As a place to begin, or continue, to explore our own shadow we could explore, reflect on, and/or try out these steps.

  1. Learn about and acknowledge our own human shadow.
  2. Notice how our reactions to given life’s situations may be linked with aspects of our shadow. A person’s shame, perfectionism, addictions, overachieving, hyper-vigilance, phobias, etc. often have their roots intertwined with our shadow.
  3. Have the courage to move our shadow backpack from our back, where it is hidden from us, to in front of us (with a professional therapist’s assistance advised).
  4. Begin to open our shadow backpack and be present with thoughts and emotions that arise.
  5. Be gentle with yourself. This takes courage.
  6. With a greater understanding and emotional connection with the shadow aspects of our personality begin to recognize how our shadow influences our life and relationships.
  7. Begin to use different languages than we were taught to help us think and act more positively.
  8. Be mindful of your self-talk. Begin to change negative self-talk into positive self-talk. I am lovable, a good person, smart, energetic, courageous, self-reliant, upbeat, caring, compassionate, involved, a good listener, and so much more. Words are things and have influence and power.
  9. Remove ourselves from dependency on other people’s reactions.
  10. Detach from our emotions long enough to realize it was never about us in the first place.
  11. The fact that our parents (or others) could not love us as we needed at a given time, or period in our life, does not mean that it is our fault.
  12. Connect with God (Spirit, Creator). Trust God to tell you or show you what is next. Be open and welcoming to those people who show up in your life to love and help you to gain greater understanding and healing.
  13. Practice living in the present moment, rather than living much of your life focusing on the past or future. All we really have, and always will have, is living in the present moment.
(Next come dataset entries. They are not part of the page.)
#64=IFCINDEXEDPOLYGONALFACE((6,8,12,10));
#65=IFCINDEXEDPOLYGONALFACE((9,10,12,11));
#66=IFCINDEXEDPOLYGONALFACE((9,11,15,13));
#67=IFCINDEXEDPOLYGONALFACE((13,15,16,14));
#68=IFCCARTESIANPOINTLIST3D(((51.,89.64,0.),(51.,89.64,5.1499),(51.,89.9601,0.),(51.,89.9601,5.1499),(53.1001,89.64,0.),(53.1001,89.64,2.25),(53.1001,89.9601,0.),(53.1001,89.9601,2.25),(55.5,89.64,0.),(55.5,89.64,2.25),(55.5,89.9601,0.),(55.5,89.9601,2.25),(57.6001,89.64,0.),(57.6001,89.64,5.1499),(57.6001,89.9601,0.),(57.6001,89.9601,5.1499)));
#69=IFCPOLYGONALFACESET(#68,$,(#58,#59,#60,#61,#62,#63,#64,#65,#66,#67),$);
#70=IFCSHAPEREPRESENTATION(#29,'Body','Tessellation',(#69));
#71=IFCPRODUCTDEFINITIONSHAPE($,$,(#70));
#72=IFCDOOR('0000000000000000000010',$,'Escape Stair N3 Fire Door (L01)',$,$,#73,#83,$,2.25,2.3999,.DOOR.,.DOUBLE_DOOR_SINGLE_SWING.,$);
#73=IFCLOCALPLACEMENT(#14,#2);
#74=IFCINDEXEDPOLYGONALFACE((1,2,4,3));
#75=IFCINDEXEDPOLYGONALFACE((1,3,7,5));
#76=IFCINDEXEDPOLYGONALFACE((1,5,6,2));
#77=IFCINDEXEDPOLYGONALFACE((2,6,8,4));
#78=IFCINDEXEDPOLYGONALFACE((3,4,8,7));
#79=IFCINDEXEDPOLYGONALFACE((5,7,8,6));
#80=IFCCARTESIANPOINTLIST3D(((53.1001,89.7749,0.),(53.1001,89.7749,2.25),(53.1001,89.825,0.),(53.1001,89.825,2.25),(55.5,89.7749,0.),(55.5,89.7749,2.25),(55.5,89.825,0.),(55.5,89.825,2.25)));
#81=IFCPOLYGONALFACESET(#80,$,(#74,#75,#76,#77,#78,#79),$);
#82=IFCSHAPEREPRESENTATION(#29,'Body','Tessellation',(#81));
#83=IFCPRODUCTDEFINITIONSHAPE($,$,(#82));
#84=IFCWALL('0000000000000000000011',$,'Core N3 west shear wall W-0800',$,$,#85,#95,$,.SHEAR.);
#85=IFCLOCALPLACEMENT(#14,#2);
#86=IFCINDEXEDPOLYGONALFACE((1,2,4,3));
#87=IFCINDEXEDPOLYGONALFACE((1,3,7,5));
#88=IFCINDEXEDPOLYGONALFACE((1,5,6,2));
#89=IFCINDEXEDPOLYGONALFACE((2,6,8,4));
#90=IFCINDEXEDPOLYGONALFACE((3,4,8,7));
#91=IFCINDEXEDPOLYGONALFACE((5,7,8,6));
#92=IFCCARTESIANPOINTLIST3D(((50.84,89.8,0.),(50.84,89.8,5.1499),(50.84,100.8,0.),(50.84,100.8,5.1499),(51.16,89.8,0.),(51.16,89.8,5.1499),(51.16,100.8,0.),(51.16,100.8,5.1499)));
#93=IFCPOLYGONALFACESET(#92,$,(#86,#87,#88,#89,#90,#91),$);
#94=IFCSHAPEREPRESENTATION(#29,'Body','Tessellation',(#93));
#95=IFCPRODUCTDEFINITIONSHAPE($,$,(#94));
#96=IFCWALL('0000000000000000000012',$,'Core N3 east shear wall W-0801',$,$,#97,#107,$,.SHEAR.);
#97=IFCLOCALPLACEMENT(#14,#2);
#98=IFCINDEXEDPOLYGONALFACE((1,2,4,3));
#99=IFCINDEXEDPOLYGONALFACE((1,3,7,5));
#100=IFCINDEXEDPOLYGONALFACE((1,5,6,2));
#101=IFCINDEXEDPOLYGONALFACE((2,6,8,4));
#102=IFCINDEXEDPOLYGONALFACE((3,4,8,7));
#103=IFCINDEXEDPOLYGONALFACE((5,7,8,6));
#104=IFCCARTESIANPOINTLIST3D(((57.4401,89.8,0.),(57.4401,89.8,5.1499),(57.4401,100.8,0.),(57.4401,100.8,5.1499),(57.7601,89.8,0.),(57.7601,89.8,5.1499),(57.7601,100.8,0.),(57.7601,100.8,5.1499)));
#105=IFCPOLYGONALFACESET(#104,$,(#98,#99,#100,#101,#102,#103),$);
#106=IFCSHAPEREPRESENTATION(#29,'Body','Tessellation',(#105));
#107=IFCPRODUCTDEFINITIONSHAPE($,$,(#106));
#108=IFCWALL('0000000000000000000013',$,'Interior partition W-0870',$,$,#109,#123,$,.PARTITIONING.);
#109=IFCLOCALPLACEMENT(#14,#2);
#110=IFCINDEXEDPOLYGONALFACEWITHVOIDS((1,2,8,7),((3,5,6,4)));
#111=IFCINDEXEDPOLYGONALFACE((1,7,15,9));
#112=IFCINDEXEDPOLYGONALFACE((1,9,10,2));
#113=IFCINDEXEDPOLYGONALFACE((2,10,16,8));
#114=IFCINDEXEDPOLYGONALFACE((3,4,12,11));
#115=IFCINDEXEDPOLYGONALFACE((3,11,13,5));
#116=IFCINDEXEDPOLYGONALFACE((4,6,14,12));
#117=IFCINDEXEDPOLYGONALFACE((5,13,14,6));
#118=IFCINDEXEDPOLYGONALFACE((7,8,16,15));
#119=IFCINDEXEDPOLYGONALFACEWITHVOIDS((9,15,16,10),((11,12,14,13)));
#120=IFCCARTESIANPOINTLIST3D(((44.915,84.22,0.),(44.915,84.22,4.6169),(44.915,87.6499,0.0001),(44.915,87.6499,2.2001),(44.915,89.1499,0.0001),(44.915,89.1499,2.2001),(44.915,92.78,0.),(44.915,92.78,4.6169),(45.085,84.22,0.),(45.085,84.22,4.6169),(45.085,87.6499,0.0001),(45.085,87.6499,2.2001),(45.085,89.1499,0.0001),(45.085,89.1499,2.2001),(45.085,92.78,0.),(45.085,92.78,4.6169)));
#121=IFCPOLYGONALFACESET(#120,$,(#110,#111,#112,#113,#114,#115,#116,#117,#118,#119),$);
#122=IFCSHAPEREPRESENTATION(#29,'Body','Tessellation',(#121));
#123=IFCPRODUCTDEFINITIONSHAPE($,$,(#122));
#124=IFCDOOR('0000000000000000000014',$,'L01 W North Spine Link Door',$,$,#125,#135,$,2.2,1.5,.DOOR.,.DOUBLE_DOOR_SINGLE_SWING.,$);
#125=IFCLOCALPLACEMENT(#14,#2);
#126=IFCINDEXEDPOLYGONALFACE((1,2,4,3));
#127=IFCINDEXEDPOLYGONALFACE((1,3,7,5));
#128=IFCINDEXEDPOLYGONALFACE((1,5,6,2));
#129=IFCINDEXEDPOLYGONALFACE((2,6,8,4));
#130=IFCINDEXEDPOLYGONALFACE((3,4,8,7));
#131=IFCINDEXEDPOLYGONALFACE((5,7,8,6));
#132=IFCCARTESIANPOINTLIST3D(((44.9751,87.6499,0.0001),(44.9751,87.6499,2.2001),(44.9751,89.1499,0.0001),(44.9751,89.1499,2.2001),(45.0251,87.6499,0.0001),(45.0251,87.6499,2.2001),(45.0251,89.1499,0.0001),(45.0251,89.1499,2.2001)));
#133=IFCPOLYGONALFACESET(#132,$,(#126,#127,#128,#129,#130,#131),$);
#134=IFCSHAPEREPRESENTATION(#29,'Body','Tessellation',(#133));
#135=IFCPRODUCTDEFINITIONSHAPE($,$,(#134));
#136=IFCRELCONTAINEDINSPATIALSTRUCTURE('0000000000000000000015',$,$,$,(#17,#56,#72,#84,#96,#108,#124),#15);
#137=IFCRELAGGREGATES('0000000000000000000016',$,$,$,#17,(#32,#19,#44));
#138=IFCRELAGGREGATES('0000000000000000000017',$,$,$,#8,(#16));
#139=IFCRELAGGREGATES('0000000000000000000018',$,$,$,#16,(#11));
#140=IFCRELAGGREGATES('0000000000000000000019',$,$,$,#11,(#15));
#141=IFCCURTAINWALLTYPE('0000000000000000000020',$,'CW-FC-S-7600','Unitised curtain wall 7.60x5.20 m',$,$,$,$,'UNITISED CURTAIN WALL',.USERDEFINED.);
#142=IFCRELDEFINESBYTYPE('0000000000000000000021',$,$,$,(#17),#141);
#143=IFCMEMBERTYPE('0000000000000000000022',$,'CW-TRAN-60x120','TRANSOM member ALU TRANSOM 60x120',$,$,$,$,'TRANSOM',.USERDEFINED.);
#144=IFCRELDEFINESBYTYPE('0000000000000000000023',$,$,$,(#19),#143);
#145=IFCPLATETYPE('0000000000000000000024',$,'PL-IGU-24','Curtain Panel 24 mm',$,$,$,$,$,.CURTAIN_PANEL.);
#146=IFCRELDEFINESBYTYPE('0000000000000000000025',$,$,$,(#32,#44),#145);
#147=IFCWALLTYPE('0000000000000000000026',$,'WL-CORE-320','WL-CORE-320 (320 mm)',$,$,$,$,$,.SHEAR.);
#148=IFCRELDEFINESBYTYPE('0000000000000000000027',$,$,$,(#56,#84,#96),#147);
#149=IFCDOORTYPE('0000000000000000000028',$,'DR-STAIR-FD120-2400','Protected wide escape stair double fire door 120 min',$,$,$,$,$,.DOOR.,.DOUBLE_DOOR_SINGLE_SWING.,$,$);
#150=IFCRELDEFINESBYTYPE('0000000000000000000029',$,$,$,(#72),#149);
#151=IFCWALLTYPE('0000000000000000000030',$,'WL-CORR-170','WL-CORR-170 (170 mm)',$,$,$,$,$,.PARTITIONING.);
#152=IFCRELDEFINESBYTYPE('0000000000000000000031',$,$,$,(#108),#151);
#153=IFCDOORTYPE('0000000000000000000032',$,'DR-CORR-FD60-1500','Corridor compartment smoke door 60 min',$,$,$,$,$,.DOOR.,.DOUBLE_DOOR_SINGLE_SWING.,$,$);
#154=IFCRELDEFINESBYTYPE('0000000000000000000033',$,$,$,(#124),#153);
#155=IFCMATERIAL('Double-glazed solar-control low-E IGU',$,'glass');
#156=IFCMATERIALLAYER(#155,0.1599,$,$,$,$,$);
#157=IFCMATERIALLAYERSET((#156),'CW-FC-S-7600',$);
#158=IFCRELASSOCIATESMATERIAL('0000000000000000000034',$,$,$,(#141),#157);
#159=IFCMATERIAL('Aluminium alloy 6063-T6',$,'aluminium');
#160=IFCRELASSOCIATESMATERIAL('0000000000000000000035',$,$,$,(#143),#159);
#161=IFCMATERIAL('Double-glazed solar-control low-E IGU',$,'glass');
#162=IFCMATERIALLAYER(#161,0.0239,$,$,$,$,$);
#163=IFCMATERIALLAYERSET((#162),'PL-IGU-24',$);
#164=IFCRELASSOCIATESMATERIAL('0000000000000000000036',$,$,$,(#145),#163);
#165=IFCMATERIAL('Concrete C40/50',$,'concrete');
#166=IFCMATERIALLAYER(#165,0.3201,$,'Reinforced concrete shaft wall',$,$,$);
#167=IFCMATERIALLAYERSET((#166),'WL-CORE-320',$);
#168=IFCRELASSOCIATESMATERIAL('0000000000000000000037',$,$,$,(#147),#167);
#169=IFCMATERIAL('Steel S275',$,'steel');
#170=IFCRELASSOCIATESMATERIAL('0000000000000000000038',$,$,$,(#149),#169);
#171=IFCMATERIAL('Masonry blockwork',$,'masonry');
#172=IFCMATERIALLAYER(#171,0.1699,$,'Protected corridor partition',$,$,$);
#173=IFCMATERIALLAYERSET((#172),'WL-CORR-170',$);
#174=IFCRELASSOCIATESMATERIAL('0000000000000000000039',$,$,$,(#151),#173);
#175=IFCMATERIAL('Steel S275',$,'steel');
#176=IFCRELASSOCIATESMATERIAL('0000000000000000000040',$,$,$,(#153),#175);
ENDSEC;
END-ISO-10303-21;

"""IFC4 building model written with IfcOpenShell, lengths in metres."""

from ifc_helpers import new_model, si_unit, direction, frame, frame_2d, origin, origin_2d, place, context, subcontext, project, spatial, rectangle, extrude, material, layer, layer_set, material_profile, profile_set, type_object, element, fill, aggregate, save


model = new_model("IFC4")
  14. Look at our shadow from a spiritual point of view:
    1. We made a mistake, but we are not a mistake.
    2. We did this stupid thing, everyone does stupid things, and we are loved and capable.
    3. We are lovable, always been lovable, and will always be lovable.
    4. Have faith and trust that everything is ok.
    5. God loves us always. With God’s grace, we are forgiven.
    6. Our next breath reminds us of God’s love and grace. Be grateful!
  15. Moving to action:
    1. Learn about and acknowledge our own human shadow.
      1. Begin to stop negative thoughts and actions.
      2. Be gentle with yourself.
    2. Love yourself and love others.
    3. Forgive ourselves, it was not our fault.
    4. Have the courage to look at our shadow.
      1. Feeling and acknowledging the pain to facilitate healing.
      2. Claiming and utilizing the strong adult part of us.
    5. Seek a trained professional therapist for insight and guidance.                                  
    6. Begin to see the human shadow in our family, friends, culture, our nation, our educational institutions, our politics, our religious institutions, and our workplace.
    7. Begin to see how many of our reactions in life are connected to our shadow. 
    8. Journal, pray, meditate, and create art/music to express pain and foster healing.
    9. Write letters to loved ones expressing your feelings. If it is safe, send the letter to them or talk to them. Or do not send them the letter, use it only for your own healing.
    10. Talk to family members about your family of origin, and your roots. Ask your father, mother, grandparents, and others to tell you about their childhood. Listen for their shadows which are weaved within their shared stories. Notice what is not being shared (family secrets/shadows?) Record it on video or write notes if possible. Begin to connect patterns in your life that have been passed down through your family and culture.
    11. Love, listen, and mentor others in need.